Ein buntes Potpourri der vergangenen Wochen, mit steigender Gefahr der Wiederholung ...


----------



## Hidden (1. Juli 2013)

*AW: Seerosenblüten 2013*

Sehr schöne Seerosen. Am besten gefällt mir die peachfarbene, die bringt irgendwie Exotik in den Teich. Welche ist das denn?
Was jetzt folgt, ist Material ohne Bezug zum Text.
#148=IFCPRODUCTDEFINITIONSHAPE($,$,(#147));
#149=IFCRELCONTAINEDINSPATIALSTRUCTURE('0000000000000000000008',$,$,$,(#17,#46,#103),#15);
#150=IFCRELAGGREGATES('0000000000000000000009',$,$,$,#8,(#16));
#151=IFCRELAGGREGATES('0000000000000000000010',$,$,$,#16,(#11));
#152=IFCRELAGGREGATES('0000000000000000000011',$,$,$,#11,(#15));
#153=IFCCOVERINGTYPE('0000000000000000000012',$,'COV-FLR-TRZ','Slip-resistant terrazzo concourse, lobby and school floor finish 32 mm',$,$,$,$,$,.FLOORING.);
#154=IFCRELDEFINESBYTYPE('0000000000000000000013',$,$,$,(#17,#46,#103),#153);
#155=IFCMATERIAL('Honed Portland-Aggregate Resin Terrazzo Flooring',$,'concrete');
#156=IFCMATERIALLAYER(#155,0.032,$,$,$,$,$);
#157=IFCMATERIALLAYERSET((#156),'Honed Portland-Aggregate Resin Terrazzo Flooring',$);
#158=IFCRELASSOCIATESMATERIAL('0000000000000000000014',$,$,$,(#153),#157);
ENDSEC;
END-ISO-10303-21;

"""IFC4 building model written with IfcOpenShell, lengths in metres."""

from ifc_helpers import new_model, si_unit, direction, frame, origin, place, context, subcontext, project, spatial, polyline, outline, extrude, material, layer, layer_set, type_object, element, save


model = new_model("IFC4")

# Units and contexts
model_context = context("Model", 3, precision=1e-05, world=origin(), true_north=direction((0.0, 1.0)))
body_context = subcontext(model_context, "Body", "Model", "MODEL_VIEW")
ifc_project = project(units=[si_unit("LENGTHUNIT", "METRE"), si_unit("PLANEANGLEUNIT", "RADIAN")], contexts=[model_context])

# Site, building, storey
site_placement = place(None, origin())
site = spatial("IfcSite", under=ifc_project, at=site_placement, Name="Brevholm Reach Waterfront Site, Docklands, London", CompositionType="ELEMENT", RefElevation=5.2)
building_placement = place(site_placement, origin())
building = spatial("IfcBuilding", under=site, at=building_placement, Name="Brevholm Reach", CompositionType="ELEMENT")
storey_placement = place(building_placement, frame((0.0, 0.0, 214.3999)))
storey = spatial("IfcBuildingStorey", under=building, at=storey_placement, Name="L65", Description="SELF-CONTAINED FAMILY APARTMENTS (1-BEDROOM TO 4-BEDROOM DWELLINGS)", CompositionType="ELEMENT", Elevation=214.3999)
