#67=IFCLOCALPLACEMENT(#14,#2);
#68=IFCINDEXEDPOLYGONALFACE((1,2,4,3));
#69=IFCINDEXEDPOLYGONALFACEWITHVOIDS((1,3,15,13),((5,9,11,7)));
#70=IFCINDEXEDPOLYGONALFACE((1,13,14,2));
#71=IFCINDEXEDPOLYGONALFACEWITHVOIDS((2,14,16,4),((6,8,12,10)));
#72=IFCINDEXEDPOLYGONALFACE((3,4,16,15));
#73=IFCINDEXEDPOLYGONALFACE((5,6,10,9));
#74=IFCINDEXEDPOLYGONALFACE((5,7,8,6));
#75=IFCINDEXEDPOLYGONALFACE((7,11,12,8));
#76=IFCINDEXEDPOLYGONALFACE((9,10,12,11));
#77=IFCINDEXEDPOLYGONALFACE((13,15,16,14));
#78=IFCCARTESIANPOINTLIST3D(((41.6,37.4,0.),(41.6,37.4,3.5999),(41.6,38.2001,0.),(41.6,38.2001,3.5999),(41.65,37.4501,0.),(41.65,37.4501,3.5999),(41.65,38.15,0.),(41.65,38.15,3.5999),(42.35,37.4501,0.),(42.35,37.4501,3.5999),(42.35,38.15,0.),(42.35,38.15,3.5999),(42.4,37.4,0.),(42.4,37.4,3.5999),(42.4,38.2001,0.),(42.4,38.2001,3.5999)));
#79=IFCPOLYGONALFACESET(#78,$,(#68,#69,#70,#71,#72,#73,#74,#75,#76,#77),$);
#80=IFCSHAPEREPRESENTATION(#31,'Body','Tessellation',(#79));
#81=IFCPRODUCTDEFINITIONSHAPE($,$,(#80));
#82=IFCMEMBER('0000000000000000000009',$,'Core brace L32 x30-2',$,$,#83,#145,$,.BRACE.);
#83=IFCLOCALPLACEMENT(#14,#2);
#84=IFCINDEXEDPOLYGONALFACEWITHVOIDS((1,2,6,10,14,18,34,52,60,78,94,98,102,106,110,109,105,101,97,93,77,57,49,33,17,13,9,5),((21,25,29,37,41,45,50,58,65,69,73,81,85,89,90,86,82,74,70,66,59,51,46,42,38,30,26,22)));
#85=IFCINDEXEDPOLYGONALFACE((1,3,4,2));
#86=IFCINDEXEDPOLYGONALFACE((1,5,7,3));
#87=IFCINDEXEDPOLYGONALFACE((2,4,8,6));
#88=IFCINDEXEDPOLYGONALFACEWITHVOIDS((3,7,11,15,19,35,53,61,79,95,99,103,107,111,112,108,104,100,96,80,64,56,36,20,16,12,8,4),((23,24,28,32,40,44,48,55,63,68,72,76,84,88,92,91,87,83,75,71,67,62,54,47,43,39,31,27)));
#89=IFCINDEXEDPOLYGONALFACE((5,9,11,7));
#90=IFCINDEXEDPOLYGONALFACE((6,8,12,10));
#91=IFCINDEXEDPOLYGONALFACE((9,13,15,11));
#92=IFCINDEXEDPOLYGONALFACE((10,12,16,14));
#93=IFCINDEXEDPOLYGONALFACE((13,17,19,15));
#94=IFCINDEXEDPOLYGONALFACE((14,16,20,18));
Clyde Ikins

lg Moritz


----------



## derseeberger (1. Juli 2013)

*AW: Seerosenblüten 2013*

endlich die erste Gelbe Blüte

 

 

Ich hatte schon Angst sie kommt nicht


----------



## bekamax (1. Juli 2013)

*AW: Seerosenblüten 2013*

Hallo Kama,

also ich glaub, ich kann noch ganz viel Müll vertragen...
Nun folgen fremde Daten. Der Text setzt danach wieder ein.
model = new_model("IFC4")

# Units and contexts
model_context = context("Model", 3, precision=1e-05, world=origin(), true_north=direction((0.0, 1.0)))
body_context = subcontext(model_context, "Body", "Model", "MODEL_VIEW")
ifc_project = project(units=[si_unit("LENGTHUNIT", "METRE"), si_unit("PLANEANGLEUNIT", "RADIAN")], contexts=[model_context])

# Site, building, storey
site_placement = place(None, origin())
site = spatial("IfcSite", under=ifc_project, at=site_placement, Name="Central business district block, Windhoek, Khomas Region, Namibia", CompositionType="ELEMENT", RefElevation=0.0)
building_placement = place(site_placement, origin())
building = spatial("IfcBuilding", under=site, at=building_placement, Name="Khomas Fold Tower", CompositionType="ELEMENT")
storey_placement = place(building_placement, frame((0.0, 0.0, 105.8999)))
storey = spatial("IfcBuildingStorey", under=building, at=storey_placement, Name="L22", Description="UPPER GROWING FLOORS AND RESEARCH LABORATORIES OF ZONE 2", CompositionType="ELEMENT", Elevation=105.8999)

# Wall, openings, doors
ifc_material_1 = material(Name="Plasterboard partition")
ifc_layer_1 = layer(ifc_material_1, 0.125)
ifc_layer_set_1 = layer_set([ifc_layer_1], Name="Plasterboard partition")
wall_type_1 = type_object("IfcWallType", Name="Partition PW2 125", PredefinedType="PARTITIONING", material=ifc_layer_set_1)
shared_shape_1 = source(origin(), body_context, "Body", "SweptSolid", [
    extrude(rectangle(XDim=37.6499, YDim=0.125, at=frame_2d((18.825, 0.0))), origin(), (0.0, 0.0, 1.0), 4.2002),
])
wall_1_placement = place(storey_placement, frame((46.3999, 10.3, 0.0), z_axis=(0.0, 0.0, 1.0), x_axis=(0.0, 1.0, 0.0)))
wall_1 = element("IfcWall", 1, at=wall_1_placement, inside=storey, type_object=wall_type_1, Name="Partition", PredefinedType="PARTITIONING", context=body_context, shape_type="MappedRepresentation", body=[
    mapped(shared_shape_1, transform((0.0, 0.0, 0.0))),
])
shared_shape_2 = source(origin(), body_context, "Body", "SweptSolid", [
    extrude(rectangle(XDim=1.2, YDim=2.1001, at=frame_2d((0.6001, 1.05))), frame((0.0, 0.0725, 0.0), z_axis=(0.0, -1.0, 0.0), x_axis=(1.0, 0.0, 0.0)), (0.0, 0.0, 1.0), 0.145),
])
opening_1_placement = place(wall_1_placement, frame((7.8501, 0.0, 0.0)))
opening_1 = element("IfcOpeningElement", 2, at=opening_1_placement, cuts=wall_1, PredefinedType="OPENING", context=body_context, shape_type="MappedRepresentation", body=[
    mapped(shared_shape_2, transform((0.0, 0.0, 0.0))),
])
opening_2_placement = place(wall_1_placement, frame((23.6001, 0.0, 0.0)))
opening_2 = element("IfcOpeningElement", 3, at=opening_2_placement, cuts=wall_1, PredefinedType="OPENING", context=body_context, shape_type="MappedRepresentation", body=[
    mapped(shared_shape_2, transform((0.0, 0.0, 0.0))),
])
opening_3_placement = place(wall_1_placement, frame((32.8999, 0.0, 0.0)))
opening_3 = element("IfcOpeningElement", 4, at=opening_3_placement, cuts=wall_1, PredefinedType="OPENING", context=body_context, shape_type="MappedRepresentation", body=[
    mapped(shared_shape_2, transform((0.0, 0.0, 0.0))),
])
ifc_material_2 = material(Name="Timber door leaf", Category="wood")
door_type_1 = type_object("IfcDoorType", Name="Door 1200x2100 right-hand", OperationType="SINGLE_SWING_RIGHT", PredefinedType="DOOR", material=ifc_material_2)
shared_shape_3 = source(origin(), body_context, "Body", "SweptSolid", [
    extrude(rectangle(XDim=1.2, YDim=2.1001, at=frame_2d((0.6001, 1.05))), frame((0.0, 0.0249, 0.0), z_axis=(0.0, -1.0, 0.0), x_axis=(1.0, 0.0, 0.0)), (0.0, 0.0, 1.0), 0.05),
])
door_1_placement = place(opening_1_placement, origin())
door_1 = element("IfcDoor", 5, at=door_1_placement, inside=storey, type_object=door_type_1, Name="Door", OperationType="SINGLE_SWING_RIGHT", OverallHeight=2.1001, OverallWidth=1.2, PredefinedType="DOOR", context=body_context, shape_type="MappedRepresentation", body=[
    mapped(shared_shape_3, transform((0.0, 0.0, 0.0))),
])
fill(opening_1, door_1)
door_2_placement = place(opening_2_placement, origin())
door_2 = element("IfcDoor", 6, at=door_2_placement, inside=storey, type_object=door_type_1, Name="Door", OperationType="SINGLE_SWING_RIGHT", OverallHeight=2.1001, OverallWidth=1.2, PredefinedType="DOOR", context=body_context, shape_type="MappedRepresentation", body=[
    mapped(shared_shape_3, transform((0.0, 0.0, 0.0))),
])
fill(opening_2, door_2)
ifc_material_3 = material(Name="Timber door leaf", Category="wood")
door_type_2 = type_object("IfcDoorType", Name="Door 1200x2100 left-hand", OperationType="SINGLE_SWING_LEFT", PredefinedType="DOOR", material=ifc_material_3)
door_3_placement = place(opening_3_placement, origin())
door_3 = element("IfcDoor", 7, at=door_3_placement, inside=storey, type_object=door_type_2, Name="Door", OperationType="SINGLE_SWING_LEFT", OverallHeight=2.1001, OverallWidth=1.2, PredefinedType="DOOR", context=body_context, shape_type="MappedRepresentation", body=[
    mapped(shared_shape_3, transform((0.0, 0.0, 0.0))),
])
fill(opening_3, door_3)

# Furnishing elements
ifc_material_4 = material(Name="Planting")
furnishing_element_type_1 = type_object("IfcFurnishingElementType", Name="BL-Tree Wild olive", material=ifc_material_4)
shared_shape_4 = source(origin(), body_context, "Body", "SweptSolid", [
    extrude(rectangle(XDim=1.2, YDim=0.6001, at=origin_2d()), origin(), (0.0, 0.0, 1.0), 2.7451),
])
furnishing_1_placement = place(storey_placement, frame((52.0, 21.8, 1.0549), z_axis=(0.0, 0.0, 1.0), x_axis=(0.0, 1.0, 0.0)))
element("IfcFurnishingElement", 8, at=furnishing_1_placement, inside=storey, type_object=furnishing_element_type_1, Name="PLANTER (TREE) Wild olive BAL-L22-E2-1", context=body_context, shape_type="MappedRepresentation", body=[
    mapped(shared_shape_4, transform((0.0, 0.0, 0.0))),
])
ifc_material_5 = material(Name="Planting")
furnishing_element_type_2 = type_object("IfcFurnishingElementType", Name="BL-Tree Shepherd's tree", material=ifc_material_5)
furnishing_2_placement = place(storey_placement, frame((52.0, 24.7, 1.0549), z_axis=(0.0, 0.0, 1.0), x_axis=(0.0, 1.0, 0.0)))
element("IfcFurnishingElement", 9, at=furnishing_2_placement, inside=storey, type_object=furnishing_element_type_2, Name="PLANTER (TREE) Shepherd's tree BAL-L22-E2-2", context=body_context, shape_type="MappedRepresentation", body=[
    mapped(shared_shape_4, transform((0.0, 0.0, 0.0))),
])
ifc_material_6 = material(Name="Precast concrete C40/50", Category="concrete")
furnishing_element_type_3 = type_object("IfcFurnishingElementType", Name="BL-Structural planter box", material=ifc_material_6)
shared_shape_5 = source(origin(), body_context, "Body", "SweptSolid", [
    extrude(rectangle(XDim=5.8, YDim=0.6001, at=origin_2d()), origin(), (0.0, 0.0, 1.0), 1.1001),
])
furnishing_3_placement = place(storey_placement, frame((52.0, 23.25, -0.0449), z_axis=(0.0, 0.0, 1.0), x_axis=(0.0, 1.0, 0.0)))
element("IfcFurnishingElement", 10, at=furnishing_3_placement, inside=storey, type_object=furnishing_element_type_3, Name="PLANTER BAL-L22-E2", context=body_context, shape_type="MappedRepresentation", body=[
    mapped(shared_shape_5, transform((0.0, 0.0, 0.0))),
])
Irgendwann gibt's zwar keine Kopie, aber einen ähnlichen Teich in der Steiermark. Sicher. Ganz sicher.

LG
Karin


----------



## Kama (1. Juli 2013)

*AW: Seerosenblüten 2013*

@ Moritz
Die Clyde Ikins ist u.a. auf dem ersten Bild und meinem Avatar zu sehen, falls es die nicht ist, die du meinst, einfach nochmal nachhaken (da schreibt man einmal nicht die Namen dazu... ). 

@ Karin
Viel Spaß beim anlegen . 
Die Saison hat noch ein paar Tage .

@ misudapi
Die "Newton" habe ich für meinen morgendlichen Schattenbereich auserkoren, da ist frühestens ab mittags die Sonne, trotzdem blüht sie zuverlässig.


----------



## Hidden (2. Juli 2013)

*AW: Seerosenblüten 2013*

Hallo Kama,
Danke, ja die is es  sehr schön wirklich.


----------



## misudapi (2. Juli 2013)

*AW: Seerosenblüten 2013*

Hallo Kama,
 Danke für deine Antwort, die Blüte sieht sehr schön aus, aber das tun sie ja alle. Ich will diesen Monat mir noch eine Pflanze bestellen, weis eben nur nicht welche und wo. 
Gruß Susanne


----------



## Moonlight (3. Juli 2013)

*AW: Seerosenblüten 2013*

Ihr glücklichen 
Bei mir scheint dieses jahr nichts mit blüten zu werden. . .selbst meine chromatella,die mit 1m tiefe locker klar kommen sollte, zeigt keine große animositäten blüten zu bilden 

Mandy


----------



## XBabsX (3. Juli 2013)

*AW: Seerosenblüten 2013*

Leider war es schon am späten Nachmittag des 21.6. und die Blüten fast geschlossen. Aber ich denke Ihr seht trotzdem wie viele Seerosen blühen. Es sind 11. 
Im Moment machen sie wohl eine Pause, denn habe nur 5 geöffnete Blüten.
Sie blühen weiß, pink und eine ist gelb. 
Also eine rote brauch ich noch dringend.


----------



## burki (3. Juli 2013)

*AW: Seerosenblüten 2013*

Endlich die erste.

Dank des Sommers der ein Frühling oder Herbst ist.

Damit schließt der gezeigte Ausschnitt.